My problem is, my 4000 tossed a rod through the side of the block. Finding a CY engine, or even just the block, from a 4000TD is impossible. Finding the same engine from a Quantum TD is less impossible, but still pretty difficult.

It seems I could find an engine/block from a Jetta td of the same vintage much easier since they made more of those. 

My question is, aside from the longitudinal vs transverse parts that would be different, are there any differences otherwise? Could I just use a short block from a Jetta/Rabbit turbo diesel from the same era, then mount all of my longitudinal style parts on it? If so, which could I choose from? If so, this project will get started/finished much quicker.

Thanks!


----------



## tinworm (Oct 2, 2011)

I have "heard" that the bolt pattern to the transmission is different, but i haven't personally seen this. I had an 83 quantum TD for about 3 months, and the engine did look exactly like the 1.6 in the jettas. 

You will have to compare by pulling the engine out and looking at it I guess. I have 3ct 1.6 diesels sitting in my shop outside the car, so I can post pictures and help you identify physical differences once you have it out, but aside from that, anyone who actually knows for sure seems to be few and far between!


----------



## DubbinChris (Dec 15, 2005)

IIRC there is no difference in the engines. The differences lie in the accessories and the manifolds.


----------



## turbinepowered (Mar 19, 2007)

DubbinChris said:


> IIRC there is no difference in the engines. The differences lie in the accessories and the manifolds.


This is correct. Your accessory brackets, engine mount brackets, manifolds, and the flywheel/clutch assembly are all different. 



tinworm said:


> I have "heard" that the bolt pattern to the transmission is different, but i haven't personally seen this. I had an 83 quantum TD for about 3 months, and the engine did look exactly like the 1.6 in the jettas.


Bolt pattern for all the older I4 VW engines, gas or diesel, is the same. 70s-80s for sure, on into the nineties, stopping right about the time the water pump started being driven from the timing belt rather than a separate accessory belt (V or ribbed).

I installed a 1.5D from a '79 Rabbit in place of a 1.5D in an '80 Dasher. 

If you have the Quantum/Dasher and are just looking to replace an engine, strip everything off the donor engine and install everything from your present engine.


----------



## Volkswagen32B (Jan 12, 2012)

It's also possible to put an 1.9 TD in a Quantum. The only differences are the oil filter mount, carterpan and you have to put an bearing in the crankshaft. I've done this an have a topic on Volksforum (translated to English) with the details.


----------



## VW Fox (Aug 1, 2000)

As far as I know, what what others have posted here is true: just swap all of the stuff that's bolted on to the block and the longitudinal-specific parts. If using a transversely-installed engine remember to change the oil pump pickup snorkel too and install the pilot bearing into the crankshaft. Intake manifold is the same.

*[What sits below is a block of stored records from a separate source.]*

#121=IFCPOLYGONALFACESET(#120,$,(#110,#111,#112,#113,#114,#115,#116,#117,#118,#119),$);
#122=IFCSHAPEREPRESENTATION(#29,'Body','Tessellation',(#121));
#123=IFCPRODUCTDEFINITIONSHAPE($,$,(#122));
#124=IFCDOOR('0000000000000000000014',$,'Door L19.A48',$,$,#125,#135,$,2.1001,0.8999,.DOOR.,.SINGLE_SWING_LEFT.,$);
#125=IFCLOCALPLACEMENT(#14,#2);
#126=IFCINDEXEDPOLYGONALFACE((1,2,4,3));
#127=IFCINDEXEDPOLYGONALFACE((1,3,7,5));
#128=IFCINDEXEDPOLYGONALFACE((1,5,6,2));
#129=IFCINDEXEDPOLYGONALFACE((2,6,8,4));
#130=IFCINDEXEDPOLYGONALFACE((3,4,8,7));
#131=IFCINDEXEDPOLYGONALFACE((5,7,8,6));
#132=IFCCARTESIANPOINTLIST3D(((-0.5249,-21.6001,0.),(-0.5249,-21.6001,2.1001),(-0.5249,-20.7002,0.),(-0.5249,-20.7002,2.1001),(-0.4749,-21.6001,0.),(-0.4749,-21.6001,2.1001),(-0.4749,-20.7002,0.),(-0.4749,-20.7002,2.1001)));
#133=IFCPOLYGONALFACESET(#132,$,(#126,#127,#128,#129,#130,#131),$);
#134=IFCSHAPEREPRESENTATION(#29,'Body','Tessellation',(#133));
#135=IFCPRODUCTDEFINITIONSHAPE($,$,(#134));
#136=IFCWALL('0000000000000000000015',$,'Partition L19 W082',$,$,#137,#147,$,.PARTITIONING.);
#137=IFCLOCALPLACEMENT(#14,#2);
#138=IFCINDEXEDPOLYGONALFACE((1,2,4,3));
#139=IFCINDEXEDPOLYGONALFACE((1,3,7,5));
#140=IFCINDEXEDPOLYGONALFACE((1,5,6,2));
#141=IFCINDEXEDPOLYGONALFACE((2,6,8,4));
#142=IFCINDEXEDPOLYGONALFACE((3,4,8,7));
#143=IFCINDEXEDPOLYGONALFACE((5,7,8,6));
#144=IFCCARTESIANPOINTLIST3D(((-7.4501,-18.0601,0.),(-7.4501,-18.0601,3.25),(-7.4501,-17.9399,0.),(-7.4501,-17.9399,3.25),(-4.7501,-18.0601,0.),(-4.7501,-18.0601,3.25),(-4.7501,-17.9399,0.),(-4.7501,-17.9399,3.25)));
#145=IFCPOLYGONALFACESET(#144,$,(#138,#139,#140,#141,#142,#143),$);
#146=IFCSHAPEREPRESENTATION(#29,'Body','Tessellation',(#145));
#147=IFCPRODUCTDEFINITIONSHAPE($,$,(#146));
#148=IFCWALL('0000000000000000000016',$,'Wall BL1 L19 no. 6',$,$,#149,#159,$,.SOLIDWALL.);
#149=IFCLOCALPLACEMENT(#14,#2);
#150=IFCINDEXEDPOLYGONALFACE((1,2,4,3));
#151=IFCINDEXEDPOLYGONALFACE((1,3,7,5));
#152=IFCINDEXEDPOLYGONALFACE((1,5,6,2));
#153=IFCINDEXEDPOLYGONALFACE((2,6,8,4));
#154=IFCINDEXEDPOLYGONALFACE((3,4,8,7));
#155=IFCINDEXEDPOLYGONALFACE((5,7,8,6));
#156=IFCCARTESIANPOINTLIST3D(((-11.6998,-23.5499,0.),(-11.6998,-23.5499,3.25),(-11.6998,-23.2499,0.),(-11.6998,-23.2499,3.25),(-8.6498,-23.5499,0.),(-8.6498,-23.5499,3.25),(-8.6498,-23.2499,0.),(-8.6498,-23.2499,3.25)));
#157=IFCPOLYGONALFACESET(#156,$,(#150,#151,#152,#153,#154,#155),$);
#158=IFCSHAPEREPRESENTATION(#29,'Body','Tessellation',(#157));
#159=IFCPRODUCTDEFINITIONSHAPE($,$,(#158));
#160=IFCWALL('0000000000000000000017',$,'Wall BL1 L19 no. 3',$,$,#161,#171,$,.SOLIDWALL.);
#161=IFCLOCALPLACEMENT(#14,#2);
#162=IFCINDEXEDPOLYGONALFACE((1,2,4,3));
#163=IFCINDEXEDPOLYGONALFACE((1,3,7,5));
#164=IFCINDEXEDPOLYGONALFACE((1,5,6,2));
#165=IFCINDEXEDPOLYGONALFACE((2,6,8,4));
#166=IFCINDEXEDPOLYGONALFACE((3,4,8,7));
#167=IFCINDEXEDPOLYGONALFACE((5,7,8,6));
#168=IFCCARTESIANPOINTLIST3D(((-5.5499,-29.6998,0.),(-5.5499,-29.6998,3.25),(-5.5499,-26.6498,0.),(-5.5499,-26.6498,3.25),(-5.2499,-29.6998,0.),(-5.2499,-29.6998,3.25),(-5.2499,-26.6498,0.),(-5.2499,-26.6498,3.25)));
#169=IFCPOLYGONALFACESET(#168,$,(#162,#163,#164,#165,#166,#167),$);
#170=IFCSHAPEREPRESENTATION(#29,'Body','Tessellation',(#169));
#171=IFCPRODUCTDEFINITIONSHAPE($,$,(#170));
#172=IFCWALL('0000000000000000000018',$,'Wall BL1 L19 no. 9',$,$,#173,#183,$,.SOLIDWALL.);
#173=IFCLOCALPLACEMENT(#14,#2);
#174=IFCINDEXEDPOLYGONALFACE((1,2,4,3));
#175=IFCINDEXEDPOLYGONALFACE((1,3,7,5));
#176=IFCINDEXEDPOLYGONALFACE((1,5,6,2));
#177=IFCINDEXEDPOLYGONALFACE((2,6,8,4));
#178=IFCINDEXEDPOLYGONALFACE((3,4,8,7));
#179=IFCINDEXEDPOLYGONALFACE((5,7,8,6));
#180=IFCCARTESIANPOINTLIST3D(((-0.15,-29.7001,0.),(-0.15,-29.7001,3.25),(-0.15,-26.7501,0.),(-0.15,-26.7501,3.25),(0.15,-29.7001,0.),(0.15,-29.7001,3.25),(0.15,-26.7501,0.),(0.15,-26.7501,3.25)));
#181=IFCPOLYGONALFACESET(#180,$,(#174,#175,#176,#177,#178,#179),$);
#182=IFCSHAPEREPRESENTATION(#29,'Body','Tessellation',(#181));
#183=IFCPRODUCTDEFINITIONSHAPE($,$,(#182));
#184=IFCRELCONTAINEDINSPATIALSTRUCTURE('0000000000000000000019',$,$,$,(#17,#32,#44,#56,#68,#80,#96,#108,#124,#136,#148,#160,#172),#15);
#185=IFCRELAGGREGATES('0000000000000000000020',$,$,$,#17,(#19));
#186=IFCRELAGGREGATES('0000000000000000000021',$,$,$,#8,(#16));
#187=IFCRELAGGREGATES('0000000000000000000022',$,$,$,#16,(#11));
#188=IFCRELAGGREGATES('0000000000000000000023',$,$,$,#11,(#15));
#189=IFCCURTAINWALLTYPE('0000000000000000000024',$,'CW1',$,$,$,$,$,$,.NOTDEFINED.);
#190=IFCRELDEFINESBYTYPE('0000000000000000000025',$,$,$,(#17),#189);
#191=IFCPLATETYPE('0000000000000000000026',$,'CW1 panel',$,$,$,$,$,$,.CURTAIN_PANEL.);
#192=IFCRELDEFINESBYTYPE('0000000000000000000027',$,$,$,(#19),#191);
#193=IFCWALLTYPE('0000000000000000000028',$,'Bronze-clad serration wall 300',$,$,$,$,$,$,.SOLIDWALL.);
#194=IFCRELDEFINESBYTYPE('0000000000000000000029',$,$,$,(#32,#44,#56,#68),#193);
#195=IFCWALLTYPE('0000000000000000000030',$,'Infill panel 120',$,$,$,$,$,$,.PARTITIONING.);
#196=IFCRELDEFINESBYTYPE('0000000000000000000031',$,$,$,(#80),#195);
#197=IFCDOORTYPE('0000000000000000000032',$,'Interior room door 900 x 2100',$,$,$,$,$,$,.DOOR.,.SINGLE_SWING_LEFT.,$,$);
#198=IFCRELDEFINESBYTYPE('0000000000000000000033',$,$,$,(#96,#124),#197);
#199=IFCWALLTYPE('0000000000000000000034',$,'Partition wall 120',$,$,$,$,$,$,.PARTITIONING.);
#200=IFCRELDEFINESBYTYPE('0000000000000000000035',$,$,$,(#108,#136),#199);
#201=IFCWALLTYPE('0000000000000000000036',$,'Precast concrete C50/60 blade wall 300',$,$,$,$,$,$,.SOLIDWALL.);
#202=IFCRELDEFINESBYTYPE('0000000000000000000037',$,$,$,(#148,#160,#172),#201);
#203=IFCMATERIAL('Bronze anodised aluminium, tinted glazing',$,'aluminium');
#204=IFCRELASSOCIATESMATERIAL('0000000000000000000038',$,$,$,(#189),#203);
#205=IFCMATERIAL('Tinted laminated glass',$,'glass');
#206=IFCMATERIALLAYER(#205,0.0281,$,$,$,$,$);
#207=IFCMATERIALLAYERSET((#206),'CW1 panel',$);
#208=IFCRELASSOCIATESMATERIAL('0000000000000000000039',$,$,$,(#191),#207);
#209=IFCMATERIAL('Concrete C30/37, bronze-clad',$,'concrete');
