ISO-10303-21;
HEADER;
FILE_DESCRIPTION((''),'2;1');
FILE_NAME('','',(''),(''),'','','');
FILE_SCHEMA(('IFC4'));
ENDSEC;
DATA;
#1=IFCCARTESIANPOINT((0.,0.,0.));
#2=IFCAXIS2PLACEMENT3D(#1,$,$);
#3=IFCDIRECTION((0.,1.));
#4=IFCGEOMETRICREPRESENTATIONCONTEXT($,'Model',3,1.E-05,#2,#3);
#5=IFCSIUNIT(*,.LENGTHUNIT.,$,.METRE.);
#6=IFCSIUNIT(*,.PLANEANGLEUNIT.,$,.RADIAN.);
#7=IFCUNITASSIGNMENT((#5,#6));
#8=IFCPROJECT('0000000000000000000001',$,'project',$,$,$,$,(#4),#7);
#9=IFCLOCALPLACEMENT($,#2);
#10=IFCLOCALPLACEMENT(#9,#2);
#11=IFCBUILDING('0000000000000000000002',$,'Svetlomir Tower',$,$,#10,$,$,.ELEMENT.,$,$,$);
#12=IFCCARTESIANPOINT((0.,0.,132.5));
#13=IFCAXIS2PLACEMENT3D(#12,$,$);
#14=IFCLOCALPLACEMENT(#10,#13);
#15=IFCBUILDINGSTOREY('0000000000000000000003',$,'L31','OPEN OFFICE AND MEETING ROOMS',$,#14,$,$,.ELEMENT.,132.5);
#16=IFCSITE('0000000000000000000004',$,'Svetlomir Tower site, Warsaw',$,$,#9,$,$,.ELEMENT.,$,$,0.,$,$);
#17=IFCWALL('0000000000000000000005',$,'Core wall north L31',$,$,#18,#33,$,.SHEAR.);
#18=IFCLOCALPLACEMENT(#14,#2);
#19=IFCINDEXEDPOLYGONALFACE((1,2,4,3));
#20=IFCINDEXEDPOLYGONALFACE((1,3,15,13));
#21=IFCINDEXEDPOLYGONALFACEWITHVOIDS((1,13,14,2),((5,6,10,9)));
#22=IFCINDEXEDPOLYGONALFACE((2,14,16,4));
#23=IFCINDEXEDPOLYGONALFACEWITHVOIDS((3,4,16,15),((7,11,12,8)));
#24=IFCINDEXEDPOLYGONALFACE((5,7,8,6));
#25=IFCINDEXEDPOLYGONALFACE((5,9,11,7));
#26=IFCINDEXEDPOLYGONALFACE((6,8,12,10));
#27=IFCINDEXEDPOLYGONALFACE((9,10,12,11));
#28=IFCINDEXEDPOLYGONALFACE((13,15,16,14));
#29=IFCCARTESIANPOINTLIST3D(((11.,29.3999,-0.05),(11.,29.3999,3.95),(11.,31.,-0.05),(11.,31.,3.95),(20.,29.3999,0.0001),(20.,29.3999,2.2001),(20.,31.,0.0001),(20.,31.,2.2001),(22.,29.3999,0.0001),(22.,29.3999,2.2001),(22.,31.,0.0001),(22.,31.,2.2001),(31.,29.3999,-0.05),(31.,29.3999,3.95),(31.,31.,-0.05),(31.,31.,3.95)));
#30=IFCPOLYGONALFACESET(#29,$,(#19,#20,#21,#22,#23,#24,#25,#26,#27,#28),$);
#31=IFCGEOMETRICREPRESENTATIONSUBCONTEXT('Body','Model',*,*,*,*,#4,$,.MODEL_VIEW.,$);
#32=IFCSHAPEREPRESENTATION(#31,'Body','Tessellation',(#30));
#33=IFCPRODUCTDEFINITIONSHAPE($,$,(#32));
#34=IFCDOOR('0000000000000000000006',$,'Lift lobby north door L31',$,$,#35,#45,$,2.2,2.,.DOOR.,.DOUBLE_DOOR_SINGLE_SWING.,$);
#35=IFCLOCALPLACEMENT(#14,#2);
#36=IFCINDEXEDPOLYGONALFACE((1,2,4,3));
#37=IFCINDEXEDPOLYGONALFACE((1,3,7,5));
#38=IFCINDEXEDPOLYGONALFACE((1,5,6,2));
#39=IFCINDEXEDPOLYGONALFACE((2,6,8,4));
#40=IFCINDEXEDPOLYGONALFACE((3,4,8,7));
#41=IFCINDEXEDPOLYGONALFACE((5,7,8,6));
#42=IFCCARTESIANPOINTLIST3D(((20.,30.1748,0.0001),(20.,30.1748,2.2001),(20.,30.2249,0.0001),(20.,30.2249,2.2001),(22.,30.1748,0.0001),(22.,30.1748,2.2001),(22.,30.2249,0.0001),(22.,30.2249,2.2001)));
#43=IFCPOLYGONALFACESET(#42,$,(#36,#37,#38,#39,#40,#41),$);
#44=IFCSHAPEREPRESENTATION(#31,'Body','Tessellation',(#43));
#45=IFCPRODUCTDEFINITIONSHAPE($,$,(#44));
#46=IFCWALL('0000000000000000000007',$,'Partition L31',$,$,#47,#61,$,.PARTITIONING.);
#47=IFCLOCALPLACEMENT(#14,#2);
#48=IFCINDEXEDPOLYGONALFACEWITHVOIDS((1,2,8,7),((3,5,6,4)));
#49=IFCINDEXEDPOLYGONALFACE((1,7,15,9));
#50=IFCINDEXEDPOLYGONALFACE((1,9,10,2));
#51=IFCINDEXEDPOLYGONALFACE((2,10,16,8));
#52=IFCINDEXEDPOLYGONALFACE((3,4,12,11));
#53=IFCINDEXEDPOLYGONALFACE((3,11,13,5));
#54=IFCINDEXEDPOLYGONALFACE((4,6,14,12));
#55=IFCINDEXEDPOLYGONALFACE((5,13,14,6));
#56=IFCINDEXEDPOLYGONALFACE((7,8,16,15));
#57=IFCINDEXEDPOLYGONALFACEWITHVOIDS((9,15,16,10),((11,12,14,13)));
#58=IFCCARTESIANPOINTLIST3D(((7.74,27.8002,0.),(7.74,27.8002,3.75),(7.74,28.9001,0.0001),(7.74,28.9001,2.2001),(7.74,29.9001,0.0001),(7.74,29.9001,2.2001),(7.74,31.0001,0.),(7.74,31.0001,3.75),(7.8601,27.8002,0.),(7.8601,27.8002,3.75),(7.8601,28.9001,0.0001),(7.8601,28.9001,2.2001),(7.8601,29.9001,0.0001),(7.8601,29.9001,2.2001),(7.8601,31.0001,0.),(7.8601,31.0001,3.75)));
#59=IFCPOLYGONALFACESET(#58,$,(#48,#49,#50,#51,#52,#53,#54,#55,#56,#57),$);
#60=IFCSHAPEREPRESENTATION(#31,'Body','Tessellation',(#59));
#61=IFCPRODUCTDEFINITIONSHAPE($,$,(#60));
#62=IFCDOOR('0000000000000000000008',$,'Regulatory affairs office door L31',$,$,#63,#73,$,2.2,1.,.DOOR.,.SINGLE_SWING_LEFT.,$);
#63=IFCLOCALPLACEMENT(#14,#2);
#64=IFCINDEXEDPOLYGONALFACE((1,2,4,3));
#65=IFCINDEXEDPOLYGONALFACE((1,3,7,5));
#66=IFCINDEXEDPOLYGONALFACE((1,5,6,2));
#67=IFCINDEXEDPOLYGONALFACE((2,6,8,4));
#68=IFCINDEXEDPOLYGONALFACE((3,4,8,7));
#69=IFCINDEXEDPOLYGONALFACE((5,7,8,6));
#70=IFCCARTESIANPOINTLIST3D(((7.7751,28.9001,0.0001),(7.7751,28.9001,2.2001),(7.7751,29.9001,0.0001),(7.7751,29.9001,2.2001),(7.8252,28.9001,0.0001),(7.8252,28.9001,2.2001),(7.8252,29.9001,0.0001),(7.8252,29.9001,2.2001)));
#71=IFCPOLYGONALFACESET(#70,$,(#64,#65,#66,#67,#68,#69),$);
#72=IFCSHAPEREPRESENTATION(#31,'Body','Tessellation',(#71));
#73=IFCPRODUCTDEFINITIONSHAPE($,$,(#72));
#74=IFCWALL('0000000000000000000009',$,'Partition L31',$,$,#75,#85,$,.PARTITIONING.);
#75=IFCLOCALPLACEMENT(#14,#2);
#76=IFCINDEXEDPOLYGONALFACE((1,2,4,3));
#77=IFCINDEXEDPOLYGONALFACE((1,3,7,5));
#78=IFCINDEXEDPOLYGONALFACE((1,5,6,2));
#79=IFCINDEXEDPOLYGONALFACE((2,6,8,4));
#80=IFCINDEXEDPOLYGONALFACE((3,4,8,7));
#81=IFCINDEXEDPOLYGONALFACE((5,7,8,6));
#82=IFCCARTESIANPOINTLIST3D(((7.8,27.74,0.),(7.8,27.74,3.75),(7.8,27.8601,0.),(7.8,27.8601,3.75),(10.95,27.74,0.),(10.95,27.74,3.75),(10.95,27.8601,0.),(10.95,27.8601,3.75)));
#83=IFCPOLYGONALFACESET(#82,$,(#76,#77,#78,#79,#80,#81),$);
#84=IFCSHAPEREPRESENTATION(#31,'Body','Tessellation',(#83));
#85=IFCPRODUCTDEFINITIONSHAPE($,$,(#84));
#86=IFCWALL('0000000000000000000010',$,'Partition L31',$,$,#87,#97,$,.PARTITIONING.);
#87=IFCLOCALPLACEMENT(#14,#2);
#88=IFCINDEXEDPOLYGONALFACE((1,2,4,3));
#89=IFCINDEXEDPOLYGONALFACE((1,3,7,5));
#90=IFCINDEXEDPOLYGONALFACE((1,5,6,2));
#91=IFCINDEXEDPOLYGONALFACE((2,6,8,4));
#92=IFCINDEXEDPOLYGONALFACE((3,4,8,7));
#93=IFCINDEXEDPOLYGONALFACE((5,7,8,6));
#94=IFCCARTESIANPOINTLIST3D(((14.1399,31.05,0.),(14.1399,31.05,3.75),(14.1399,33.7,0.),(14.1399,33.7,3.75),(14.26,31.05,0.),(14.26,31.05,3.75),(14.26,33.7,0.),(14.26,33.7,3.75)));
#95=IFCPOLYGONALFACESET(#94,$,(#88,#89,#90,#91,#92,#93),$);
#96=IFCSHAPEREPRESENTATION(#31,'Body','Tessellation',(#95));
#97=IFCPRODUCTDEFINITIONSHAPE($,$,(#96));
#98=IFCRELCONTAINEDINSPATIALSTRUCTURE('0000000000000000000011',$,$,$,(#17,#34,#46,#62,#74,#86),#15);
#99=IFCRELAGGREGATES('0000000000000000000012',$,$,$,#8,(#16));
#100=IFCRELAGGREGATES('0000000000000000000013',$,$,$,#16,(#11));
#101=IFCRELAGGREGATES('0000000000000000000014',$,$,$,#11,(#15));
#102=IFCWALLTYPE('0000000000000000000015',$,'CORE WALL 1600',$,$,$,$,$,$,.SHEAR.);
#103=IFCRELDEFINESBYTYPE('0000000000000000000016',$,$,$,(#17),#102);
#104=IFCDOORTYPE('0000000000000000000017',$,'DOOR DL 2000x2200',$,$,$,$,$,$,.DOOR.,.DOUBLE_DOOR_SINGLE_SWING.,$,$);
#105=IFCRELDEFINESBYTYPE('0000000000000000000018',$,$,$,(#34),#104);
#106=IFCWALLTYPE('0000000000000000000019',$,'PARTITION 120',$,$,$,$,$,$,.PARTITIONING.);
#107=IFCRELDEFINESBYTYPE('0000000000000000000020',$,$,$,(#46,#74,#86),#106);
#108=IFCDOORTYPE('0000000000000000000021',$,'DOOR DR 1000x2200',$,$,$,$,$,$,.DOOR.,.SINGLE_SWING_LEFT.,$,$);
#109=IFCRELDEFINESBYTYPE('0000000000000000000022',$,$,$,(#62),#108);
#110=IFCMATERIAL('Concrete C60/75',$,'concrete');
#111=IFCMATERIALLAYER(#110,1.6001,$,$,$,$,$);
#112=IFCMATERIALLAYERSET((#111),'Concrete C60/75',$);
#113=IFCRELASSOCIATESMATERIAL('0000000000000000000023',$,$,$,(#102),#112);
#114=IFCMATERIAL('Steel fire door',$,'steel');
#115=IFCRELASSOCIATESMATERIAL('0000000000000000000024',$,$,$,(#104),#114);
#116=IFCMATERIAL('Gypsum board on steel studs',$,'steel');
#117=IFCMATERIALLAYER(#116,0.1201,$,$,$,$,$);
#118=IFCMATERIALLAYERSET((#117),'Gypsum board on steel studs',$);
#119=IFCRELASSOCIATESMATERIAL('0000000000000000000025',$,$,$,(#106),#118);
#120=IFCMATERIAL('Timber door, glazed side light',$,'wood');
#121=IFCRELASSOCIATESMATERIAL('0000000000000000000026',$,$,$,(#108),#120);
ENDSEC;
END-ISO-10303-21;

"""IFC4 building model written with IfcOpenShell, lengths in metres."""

from ifc_helpers import new_model, si_unit, direction, frame, frame_2d, origin, place, context, subcontext, project, spatial, rectangle, extrude, material, layer, layer_set, type_object, element, fill, save


model = new_model("IFC4")

# Units and contexts
model_context = context("Model", 3, precision=1e-05, world=origin(), true_north=direction((0.0, 1.0)))
body_context = subcontext(model_context, "Body", "Model", "MODEL_VIEW")
ifc_project = project(units=[si_unit("LENGTHUNIT", "METRE"), si_unit("PLANEANGLEUNIT", "RADIAN")], contexts=[model_context])

# Site, building, storey
site_placement = place(None, origin())
site = spatial("IfcSite", under=ifc_project, at=site_placement, Name="Svetlomir Tower site, Warsaw", CompositionType="ELEMENT", RefElevation=0.0)
building_placement = place(site_placement, origin())
building = spatial("IfcBuilding", under=site, at=building_placement, Name="Svetlomir Tower", CompositionType="ELEMENT")
storey_placement = place(building_placement, frame((0.0, 0.0, 132.5)))
storey = spatial("IfcBuildingStorey", under=building, at=storey_placement, Name="L31", Description="OPEN OFFICE AND MEETING ROOMS", CompositionType="ELEMENT", Elevation=132.5)

# Walls, openings, doors
ifc_material_1 = material(Name="Concrete C60/75", Category="concrete")
ifc_layer_1 = layer(ifc_material_1, 1.6001)
ifc_layer_set_1 = layer_set([ifc_layer_1], Name="Concrete C60/75")
wall_type_1 = type_object("IfcWallType", Name="CORE WALL 1600", PredefinedType="SHEAR", material=ifc_layer_set_1)
wall_1_placement = place(storey_placement, frame((11.0, 30.2, -0.05), z_axis=(0.0, 0.0, 1.0), x_axis=(1.0, 0.0, 0.0)))
wall_1 = element("IfcWall", 1, at=wall_1_placement, inside=storey, type_object=wall_type_1, Name="Core wall north L31", PredefinedType="SHEAR", context=body_context, shape_type="SweptSolid", body=[
    extrude(rectangle(XDim=20.0, YDim=1.6001, at=frame_2d((10.0, 0.0))), origin(), (0.0, 0.0, 1.0), 4.0),
])
opening_1_placement = place(wall_1_placement, frame((9.0, 0.0, 0.05)))
opening_1 = element("IfcOpeningElement", 2, at=opening_1_placement, cuts=wall_1, PredefinedType="OPENING", context=body_context, shape_type="SweptSolid", body=[
    extrude(rectangle(XDim=2.0, YDim=2.2, at=frame_2d((1.0, 1.1001))), frame((0.0, 0.8101, 0.0), z_axis=(0.0, -1.0, 0.0), x_axis=(1.0, 0.0, 0.0)), (0.0, 0.0, 1.0), 1.6201),
])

The transmission bolt pattern is the same between longtitudinal and transverse engines too.

Be careful when choosing a donor engine, though. The CY engine has mechanical valve lifters and the head won't work on a block from an engine with hydraulic valve lifters. The diesels aren't like the old 8v engines, you can't just swap heads. With the solid vs. hydraulic diesel engines, the cylinder head has a different number of oil drains. Read on vwdiesel.net for options; some have mixed a solid lifter head with hydraulic block, but it involves plugging oil returns and fiddling with head gaskets.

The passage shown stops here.